Careful Attention
April 02, 2016
We close our eyes because we want to give full attention to the breath.
When you’re meditating: What’s the difference between meditating on your breath and just breathing? It’s the quality of your attention. You want to give it your full attention.
This is called citta in Pali. It’s one of the bases of success in the meditation: that you pay careful attention to what you’re doing and careful attention to the results that you’re getting.
Because you want to detect the movements of the mind: This is what the meditation is all about. It’s seeing how the mind moves, seeing the mind’s actions, and how those actions ripple out: from your thoughts into your words and deeds and from your words and deeds into the world. Then they ripple back.
So you want to be very careful about what goes rippling out to begin with.
And it’s right here in the present moment that that happens.
So you want to be anchored in the present moment.
Take the breath as your laboratory to learn, “This is what happens when you think about the breath in that way; that’s what happens when you think about the breath in this way. This is what happens when you try to adjust the breath so that it’s comfortable.”

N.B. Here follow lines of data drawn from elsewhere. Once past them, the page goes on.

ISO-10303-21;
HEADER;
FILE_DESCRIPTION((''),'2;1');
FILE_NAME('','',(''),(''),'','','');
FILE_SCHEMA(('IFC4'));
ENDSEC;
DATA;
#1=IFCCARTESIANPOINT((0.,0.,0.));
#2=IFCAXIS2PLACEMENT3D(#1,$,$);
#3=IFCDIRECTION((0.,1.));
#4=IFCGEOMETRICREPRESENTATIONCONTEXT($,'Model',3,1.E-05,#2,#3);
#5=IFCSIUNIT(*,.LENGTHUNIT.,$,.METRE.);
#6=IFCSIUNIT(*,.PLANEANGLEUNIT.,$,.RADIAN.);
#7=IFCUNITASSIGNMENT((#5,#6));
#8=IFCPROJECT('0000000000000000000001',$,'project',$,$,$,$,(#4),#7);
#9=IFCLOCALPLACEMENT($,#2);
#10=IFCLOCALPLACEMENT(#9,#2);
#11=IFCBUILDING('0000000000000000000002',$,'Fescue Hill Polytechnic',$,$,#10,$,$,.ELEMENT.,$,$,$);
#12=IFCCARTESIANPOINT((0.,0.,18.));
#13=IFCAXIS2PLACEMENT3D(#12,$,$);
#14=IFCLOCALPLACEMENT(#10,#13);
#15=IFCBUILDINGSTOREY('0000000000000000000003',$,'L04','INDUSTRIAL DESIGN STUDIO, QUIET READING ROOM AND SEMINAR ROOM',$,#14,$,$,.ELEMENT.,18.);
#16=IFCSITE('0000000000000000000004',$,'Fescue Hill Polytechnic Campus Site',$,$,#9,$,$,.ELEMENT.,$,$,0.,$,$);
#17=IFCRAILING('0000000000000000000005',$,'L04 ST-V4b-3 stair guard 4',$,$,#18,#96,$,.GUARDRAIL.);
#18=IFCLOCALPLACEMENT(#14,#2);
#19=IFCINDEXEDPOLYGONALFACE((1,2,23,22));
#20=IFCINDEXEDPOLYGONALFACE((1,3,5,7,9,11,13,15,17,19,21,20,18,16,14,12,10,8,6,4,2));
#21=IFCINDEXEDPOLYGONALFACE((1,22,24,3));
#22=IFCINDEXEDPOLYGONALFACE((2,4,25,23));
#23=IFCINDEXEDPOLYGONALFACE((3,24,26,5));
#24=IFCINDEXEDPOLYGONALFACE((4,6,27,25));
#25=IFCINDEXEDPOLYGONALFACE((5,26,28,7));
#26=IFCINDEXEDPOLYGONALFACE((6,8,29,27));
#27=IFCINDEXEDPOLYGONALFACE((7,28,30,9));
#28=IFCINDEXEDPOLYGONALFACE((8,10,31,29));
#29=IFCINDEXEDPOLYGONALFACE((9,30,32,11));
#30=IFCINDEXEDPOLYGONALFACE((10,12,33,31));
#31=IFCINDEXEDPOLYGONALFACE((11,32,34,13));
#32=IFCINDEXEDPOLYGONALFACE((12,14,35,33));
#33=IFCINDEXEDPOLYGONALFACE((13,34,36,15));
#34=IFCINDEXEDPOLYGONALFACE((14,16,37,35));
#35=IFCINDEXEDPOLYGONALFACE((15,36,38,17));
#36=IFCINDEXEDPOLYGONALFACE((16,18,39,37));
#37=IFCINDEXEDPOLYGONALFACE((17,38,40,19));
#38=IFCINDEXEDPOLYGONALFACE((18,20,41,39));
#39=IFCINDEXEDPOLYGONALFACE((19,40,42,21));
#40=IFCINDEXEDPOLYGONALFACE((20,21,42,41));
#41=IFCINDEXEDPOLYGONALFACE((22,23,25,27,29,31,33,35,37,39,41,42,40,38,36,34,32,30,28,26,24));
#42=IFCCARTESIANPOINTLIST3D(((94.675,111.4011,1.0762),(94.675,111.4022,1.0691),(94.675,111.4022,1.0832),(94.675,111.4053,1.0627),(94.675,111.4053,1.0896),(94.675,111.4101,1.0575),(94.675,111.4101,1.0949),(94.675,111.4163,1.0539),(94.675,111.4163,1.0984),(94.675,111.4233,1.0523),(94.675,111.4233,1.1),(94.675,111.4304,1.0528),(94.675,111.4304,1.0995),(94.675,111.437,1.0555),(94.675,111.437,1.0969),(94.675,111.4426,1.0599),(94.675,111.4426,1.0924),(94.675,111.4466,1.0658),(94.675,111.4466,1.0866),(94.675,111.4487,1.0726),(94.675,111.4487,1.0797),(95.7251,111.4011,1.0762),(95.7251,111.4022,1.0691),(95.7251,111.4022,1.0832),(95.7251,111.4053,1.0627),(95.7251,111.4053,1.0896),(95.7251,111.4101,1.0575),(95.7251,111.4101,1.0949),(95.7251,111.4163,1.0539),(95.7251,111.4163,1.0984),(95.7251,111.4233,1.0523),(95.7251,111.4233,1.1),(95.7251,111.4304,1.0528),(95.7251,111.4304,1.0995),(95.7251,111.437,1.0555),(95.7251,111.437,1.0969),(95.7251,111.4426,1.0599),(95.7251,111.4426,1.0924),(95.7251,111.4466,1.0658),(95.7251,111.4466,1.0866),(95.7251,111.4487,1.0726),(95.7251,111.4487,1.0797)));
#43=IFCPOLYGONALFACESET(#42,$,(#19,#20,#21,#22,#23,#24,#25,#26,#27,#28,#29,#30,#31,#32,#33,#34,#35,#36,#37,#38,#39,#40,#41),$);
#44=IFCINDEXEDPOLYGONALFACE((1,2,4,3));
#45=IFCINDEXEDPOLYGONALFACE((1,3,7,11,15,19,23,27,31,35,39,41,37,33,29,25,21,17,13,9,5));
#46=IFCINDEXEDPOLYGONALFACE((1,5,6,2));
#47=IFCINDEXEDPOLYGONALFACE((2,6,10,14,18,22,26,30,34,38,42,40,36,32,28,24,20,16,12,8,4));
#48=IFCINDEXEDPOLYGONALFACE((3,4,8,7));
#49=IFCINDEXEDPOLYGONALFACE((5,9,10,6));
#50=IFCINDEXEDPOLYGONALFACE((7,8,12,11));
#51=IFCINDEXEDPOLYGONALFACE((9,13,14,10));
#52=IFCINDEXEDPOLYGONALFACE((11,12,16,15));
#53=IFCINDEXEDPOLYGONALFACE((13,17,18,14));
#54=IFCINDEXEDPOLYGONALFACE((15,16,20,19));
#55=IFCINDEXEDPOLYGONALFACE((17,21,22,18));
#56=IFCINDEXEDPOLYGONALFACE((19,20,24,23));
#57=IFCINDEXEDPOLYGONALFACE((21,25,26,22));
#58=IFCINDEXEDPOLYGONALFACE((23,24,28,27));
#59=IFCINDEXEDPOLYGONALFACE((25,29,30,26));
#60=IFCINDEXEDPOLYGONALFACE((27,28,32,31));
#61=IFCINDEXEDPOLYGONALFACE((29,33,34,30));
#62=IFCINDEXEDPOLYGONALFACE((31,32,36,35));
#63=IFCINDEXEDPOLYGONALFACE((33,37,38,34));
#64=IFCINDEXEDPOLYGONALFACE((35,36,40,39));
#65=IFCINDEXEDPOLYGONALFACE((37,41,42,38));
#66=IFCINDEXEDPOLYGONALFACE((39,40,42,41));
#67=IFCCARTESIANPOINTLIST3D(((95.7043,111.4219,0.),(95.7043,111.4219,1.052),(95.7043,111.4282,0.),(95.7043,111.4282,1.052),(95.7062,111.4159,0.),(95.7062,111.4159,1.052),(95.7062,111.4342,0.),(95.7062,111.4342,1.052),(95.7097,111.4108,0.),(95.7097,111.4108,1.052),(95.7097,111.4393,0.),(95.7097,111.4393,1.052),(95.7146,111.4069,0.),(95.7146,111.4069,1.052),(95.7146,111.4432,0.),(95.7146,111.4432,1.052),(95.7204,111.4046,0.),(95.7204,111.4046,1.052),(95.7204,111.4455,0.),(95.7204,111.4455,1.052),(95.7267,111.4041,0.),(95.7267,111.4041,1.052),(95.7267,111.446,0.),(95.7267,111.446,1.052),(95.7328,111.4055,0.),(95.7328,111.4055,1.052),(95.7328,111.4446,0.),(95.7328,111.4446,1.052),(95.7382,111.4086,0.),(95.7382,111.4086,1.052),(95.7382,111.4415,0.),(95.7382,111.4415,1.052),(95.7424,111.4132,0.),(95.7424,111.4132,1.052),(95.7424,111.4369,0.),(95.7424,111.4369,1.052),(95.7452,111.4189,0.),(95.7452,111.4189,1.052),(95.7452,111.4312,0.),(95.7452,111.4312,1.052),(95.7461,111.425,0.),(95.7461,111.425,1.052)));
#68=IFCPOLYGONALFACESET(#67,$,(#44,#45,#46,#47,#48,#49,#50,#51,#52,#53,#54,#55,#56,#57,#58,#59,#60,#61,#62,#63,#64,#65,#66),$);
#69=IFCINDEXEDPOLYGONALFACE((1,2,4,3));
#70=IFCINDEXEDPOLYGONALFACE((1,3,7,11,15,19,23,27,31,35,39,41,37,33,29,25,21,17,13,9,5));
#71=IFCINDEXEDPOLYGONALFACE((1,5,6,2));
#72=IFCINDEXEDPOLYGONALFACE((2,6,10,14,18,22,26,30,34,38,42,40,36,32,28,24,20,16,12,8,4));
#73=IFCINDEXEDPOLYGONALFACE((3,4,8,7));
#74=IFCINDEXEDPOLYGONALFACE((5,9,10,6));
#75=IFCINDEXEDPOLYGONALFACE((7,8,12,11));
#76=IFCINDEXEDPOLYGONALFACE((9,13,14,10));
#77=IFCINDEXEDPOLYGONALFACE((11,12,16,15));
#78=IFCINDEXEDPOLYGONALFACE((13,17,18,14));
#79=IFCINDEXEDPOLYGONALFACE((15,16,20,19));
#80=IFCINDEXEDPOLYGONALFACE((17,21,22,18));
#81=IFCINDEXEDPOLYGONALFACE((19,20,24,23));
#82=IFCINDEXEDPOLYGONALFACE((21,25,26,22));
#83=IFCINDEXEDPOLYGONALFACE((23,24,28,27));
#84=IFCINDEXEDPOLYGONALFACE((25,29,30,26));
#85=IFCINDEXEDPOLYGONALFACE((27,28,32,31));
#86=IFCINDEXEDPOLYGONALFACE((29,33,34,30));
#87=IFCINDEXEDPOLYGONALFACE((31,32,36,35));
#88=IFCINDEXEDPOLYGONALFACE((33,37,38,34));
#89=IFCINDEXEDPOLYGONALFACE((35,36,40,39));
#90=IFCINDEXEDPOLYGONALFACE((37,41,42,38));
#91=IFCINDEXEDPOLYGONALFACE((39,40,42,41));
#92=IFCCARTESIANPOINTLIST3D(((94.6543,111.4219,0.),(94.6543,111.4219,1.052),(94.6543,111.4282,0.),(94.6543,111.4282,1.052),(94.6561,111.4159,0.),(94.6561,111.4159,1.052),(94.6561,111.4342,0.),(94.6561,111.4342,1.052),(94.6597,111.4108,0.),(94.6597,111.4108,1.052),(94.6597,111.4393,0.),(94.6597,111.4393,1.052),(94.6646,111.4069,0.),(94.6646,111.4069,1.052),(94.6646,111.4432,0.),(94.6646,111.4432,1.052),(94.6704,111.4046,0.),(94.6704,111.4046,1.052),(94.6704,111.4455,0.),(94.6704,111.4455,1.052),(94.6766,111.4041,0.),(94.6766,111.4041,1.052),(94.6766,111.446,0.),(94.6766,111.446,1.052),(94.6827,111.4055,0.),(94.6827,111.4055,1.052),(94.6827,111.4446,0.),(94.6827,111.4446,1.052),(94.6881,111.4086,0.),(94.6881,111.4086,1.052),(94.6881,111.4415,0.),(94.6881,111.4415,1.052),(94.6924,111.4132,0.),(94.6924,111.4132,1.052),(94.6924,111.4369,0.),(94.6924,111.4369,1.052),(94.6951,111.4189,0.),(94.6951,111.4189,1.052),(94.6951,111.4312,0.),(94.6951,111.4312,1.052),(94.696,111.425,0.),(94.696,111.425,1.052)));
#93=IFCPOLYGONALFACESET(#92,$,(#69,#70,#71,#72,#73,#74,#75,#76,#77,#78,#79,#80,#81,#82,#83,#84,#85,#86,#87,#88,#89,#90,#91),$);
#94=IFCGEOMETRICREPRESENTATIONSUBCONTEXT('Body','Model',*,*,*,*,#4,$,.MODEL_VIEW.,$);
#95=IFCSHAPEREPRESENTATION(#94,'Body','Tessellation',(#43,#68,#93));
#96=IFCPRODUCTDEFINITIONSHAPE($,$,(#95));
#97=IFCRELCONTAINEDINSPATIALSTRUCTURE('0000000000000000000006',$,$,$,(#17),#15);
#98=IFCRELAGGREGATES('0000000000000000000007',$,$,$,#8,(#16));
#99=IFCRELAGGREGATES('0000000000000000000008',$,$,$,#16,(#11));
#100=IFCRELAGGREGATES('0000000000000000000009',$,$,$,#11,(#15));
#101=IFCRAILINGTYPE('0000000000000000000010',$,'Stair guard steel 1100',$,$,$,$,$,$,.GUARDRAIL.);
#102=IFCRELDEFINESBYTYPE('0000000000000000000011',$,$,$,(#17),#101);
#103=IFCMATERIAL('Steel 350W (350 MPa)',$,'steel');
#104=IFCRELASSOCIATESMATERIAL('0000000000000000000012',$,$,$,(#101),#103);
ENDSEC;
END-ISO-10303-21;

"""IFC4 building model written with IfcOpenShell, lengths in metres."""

from ifc_helpers import new_model, si_unit, direction, frame, origin, origin_2d, place, context, subcontext, project, spatial, circle, extrude, material, type_object, element, save


model = new_model("IFC4")

# Units and contexts
model_context = context("Model", 3, precision=1e-05, world=origin(), true_north=direction((0.0, 1.0)))
body_context = subcontext(model_context, "Body", "Model", "MODEL_VIEW")
ifc_project = project(units=[si_unit("LENGTHUNIT", "METRE"), si_unit("PLANEANGLEUNIT", "RADIAN")], contexts=[model_context])

# Site, building, storey
site_placement = place(None, origin())
site = spatial("IfcSite", under=ifc_project, at=site_placement, Name="Fescue Hill Polytechnic Campus Site", CompositionType="ELEMENT", RefElevation=0.0)
building_placement = place(site_placement, origin())
building = spatial("IfcBuilding", under=site, at=building_placement, Name="Fescue Hill Polytechnic", CompositionType="ELEMENT")
storey_placement = place(building_placement, frame((0.0, 0.0, 18.0)))
storey = spatial("IfcBuildingStorey", under=building, at=storey_placement, Name="L04", Description="INDUSTRIAL DESIGN STUDIO, QUIET READING ROOM AND SEMINAR ROOM", CompositionType="ELEMENT", Elevation=18.0)

# Railing
ifc_material_1 = material(Name="Steel 350W (350 MPa)", Category="steel")
railing_type_1 = type_object("IfcRailingType", Name="Stair guard steel 1100", PredefinedType="GUARDRAIL", material=ifc_material_1)
railing_1_placement = place(storey_placement, frame((95.7251, 111.425, 0.0)))
element("IfcRailing", 1, at=railing_1_placement, inside=storey, type_object=railing_type_1, Name="L04 ST-V4b-3 stair guard 4", PredefinedType="GUARDRAIL", context=body_context, shape_type="SweptSolid", body=[
    extrude(circle(Radius=0.0239, at=origin_2d()), frame((0.0, 0.0, 1.0762), z_axis=(-1.0, 0.0, 0.0), x_axis=(0.0, -1.0, 0.0)), (0.0, 0.0, 1.0), 1.05),
    extrude(circle(Radius=0.021, at=origin_2d()), origin(), (0.0, 0.0, 1.0), 1.052),
    extrude(circle(Radius=0.021, at=origin_2d()), frame((-1.05, 0.0, 0.0)), (0.0, 0.0, 1.0), 1.052),
])

save(model, "model.ifc")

From trial and error you find out which ways of adjusting the breath really are worthwhile, making it easier to stay with the breath, making the breath more interesting.
But it’s the quality of your attention that makes all the difference, as in the whole question of sitting and meditating. As Ajaan Chah once noted, if just sitting in the sitting posture were enough, then chickens would have beaten out the human race a long time ago.
It’s the quality of your attention that you bring to the breath: That’s what matters. After all, the Buddha was focusing on his breath on the night of his awakening. What’s the difference between his breath and yours? There was no difference in the breath. There was the difference in the quality of the focus and the amount of attention that he paid to what his mind was doing.
So first pay attention to how you’re dealing with the breath. Then that ability to notice what’s going on in the present moment will then start seeping into the mind. You’ll see more and more clearly, "Oh, this is how the mind thinks, this is how greed comes in, this is how greed takes over.” The same with lust, the same with anger, the same with delusion, the same with fear, jealousy. You want to see these things in action.
Otherwise, they slip in and you don’t realize it. If you can detect them, though, when they’re in their very early stages, then you can do something about them. You’re more in control.
So pay careful attention, because the quality of your attention is what makes all the difference.